Nick Colas, chief market strategist at Convergex, notes that not only have financials lagged the broader market in 2016, but they also remain the worst performer of the S&P’s 10 sectors over the last 10 years, declining 29 percent during the period. Excluding real estate investment trusts, which have gained 28 percent on a price basis, the industry would be down 33 percent. Financials were off 1.4 percent year to date heading into Wednesday’s trading.

Financials “face several powerful headwinds and a few crosscurrents to boot,” Colas warned clients in a note that outlined six signs investors should heed before diving into the sector:

1. The financial stocks “have been dreadful investments.” Of course, what happened in the past doesn’t always presage the future, but if the trend is your friend, then financial stock buyers could become castaways.

2. Regulation: The Fed will be releasing stress tests results on June 23 with the related Comprehensive Capital Analysis and Review results out six days later. “In any given year, at least one institution has been singled out for deficiencies and the 2016 reviews will likely follow that precedent,” Colas said. And, of course, there are theDodd-Frank regulations and a generally hostile air in Washington toward big banks.
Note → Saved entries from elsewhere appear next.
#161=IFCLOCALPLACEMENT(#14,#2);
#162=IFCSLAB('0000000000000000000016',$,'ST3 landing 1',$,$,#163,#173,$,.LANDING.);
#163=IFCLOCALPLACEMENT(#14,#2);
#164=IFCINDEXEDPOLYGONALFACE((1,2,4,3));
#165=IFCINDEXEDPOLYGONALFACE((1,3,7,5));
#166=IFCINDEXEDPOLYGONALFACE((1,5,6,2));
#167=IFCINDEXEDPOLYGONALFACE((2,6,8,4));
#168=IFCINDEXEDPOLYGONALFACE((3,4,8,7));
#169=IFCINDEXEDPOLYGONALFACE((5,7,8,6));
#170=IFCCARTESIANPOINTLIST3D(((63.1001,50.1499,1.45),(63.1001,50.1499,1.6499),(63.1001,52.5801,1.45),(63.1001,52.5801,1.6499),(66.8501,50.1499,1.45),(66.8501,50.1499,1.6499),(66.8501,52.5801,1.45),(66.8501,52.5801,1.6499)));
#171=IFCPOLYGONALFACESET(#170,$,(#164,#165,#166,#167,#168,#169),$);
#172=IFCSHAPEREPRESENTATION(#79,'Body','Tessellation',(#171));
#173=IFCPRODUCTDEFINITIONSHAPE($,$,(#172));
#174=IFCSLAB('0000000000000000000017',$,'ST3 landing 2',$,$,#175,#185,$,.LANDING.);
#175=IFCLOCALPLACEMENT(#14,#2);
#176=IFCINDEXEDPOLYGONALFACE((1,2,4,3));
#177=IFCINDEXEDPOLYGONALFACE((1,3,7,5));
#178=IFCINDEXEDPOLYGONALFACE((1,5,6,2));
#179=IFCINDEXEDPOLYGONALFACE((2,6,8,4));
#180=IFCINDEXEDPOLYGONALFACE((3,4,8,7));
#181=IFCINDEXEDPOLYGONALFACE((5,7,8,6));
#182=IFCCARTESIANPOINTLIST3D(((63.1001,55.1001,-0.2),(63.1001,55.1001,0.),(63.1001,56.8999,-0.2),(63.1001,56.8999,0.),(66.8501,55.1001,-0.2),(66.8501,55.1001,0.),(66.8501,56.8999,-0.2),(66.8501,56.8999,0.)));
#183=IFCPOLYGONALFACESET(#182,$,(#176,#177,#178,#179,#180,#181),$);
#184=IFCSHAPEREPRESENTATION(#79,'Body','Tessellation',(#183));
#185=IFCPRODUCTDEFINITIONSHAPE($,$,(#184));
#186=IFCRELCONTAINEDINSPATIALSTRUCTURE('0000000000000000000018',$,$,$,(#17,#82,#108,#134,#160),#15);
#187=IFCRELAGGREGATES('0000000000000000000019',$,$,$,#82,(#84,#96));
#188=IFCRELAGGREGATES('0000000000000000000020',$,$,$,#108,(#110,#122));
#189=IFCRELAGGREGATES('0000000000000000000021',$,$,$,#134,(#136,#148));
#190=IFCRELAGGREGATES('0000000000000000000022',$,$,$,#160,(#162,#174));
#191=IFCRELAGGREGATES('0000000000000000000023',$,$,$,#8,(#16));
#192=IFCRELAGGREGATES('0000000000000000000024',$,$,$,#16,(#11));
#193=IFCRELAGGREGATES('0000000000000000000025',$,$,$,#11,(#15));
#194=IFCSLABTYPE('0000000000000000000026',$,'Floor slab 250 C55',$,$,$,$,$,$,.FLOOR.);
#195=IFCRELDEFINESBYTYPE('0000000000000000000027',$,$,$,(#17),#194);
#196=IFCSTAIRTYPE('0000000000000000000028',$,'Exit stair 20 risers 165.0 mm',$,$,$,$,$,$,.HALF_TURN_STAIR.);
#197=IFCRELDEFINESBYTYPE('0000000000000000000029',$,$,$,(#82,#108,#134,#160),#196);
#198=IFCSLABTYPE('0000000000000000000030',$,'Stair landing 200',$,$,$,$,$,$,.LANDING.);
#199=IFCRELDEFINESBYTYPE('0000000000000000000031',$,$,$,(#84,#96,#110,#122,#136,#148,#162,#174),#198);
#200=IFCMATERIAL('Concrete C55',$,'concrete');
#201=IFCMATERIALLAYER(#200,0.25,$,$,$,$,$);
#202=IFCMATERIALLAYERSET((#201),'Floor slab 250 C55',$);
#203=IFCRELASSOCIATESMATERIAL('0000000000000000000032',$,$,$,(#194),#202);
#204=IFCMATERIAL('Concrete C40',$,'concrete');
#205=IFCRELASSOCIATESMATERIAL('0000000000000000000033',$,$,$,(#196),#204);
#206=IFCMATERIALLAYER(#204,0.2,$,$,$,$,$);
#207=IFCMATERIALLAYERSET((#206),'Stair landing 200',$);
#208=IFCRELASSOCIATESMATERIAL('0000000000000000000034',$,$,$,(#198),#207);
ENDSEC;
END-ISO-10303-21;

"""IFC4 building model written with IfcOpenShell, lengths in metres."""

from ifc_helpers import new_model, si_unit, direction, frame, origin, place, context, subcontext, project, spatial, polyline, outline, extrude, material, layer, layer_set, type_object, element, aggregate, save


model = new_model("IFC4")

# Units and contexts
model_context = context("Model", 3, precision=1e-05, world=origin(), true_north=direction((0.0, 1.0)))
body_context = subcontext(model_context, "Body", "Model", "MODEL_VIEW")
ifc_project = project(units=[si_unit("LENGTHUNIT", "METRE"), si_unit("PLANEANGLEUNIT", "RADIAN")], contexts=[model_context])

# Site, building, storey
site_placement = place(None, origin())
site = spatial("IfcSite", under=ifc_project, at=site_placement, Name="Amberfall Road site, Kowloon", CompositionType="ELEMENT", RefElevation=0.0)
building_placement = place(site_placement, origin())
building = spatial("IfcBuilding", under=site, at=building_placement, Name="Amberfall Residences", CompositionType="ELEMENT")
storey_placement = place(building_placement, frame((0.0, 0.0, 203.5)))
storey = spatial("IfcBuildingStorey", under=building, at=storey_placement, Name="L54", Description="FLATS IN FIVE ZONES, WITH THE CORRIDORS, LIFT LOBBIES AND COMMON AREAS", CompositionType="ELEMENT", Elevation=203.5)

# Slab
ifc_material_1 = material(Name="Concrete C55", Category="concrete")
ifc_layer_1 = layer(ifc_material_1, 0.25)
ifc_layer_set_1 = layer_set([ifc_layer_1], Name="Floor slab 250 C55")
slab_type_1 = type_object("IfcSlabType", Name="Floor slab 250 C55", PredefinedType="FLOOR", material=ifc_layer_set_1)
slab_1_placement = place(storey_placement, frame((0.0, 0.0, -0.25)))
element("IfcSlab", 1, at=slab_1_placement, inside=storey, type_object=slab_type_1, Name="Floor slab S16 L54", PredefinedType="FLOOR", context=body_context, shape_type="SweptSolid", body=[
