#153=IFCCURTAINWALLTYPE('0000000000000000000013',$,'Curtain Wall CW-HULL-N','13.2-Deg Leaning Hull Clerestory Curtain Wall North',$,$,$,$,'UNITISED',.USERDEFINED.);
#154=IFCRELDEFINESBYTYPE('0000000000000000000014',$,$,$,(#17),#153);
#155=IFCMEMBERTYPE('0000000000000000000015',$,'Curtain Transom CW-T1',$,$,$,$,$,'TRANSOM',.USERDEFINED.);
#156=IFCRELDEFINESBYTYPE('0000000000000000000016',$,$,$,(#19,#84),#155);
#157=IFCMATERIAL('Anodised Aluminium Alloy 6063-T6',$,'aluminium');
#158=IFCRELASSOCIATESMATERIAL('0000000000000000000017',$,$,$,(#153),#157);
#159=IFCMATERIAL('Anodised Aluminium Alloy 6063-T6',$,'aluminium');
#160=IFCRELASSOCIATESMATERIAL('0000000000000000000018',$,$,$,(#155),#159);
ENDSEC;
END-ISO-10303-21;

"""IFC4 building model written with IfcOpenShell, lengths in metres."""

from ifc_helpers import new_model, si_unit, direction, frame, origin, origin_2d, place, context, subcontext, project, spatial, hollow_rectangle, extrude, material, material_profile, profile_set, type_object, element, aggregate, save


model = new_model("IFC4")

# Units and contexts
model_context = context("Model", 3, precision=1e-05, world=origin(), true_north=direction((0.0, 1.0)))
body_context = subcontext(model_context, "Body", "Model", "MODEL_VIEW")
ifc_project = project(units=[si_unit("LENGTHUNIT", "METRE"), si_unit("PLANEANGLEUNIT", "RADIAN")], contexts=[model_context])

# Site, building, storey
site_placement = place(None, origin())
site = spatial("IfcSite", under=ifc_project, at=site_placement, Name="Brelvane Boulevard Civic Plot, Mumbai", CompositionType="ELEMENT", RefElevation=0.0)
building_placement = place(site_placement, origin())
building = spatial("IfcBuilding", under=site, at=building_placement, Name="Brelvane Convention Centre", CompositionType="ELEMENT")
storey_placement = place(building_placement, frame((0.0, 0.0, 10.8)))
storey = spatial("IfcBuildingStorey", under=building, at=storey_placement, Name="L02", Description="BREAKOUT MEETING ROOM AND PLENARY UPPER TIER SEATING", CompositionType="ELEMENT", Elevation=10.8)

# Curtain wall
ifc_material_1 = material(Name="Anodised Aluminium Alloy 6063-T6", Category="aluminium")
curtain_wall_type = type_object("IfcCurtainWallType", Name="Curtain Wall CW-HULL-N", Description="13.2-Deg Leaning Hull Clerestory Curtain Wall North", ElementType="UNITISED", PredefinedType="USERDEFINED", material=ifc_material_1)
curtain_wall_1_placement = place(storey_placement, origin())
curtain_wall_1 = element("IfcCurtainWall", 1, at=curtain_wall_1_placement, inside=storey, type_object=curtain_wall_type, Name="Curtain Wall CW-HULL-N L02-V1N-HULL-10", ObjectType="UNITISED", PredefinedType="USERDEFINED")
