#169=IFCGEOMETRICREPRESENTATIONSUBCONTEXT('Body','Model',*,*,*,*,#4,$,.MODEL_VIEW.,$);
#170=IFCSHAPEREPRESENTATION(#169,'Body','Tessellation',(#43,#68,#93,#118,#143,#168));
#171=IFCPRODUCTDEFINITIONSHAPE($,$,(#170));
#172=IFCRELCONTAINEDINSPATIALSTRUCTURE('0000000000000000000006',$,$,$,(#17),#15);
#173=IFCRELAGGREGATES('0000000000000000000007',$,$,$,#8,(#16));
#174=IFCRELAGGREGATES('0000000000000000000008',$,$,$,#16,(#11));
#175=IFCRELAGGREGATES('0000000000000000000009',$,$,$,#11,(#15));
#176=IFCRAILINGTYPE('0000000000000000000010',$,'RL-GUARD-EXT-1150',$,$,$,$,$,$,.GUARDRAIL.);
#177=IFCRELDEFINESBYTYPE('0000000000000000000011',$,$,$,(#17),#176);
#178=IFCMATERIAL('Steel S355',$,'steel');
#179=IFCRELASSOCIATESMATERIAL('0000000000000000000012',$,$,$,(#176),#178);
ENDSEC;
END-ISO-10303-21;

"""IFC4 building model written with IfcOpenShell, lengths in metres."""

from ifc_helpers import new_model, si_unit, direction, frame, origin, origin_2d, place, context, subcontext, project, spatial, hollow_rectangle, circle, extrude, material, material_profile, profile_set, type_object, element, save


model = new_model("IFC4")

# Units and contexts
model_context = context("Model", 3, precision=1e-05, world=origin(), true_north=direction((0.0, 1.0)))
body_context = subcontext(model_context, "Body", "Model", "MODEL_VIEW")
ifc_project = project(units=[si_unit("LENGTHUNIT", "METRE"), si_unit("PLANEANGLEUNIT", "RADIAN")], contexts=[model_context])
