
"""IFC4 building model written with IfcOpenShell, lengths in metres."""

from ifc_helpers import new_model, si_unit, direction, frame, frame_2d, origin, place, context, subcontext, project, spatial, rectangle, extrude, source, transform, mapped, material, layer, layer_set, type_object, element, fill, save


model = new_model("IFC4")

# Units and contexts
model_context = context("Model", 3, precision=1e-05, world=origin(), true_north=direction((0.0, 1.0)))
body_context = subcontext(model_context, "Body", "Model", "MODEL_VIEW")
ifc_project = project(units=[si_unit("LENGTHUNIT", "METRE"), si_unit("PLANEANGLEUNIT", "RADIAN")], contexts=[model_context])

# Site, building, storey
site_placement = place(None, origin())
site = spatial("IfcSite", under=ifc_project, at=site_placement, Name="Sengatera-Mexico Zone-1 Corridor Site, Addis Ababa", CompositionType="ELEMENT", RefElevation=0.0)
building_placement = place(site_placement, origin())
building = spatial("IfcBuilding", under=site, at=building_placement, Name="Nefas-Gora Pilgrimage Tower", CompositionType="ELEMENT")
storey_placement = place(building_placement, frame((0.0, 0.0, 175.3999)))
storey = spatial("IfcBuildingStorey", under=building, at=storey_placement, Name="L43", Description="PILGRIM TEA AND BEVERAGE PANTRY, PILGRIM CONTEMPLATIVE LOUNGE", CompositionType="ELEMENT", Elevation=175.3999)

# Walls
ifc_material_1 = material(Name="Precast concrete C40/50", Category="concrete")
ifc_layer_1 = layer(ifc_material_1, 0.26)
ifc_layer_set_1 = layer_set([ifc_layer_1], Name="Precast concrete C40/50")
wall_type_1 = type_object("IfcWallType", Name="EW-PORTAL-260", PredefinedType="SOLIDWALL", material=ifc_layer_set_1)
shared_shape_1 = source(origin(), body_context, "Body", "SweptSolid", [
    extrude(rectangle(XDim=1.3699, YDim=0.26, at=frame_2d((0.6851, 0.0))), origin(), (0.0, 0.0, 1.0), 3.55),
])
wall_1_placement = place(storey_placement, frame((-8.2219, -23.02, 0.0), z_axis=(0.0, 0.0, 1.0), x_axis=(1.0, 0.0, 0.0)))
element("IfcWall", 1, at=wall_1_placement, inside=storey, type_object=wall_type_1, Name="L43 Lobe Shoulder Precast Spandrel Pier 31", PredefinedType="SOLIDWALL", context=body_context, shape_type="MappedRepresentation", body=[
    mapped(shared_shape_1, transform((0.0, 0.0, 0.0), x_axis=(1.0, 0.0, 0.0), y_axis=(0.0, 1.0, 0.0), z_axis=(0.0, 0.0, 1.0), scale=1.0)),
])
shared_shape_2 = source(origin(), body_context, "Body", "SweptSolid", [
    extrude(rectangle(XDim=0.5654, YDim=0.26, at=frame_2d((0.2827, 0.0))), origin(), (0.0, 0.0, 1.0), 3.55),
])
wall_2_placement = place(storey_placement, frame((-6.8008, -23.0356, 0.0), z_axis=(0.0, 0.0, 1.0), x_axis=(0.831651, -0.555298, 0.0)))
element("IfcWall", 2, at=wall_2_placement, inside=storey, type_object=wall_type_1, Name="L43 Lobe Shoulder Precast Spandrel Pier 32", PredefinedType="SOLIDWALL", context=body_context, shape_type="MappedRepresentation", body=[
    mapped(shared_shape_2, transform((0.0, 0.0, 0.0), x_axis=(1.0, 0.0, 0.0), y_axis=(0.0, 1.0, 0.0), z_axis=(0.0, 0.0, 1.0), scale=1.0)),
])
3. Low expected returns on capital: The average return on equity for large banks is 9 percent, but the price-to-book level averages 1.1 times, meaning investors have low expectations for growth.

4. Cost of capital: Colas found that financial stocks on average are 20 percent more volatile than the S&P 500 broadly (examining how the sector has traded against the index). The upshot: “Investors rightly worry that banks have a very high cost of capital … relative to their current returns. ”

5. Oil prices: Those looking for banks to rebound as oil prices climb out of a bear market are likely to be disappointed. Colas’ team found little correlation and believe financials are “poor proxies for moves in the energy market.”

6. “So what else could happen?” Among other things, Colas is skeptical that a new wave of professionals will be able to turn around the performance of financials.

“The key takeaway from both this final point and the piece as a whole is that financials will likely remain a tough place to make outsized returns,” Colas wrote. “Regulatory burdens are a piece of that, to be sure, and in the absence of a change in Washington that drag seems likely to continue.”

The note mostly avoids the role the Fed will play with bank stocks. There’s expectation that as the central bank normalizes rates, bank performance will follow. However, recent indicators are that the Fed is no hurry to raise rates, keeping bank returns in check.

“In the end, the resurrection of this group will have to come from one place, and one place alone: all those clever people who run the companies,” Colas said. “There is an old saying on Wall Street that the most important assets of a bank go up and down in the elevator every day. Perhaps one day they will find the ‘up” button again.”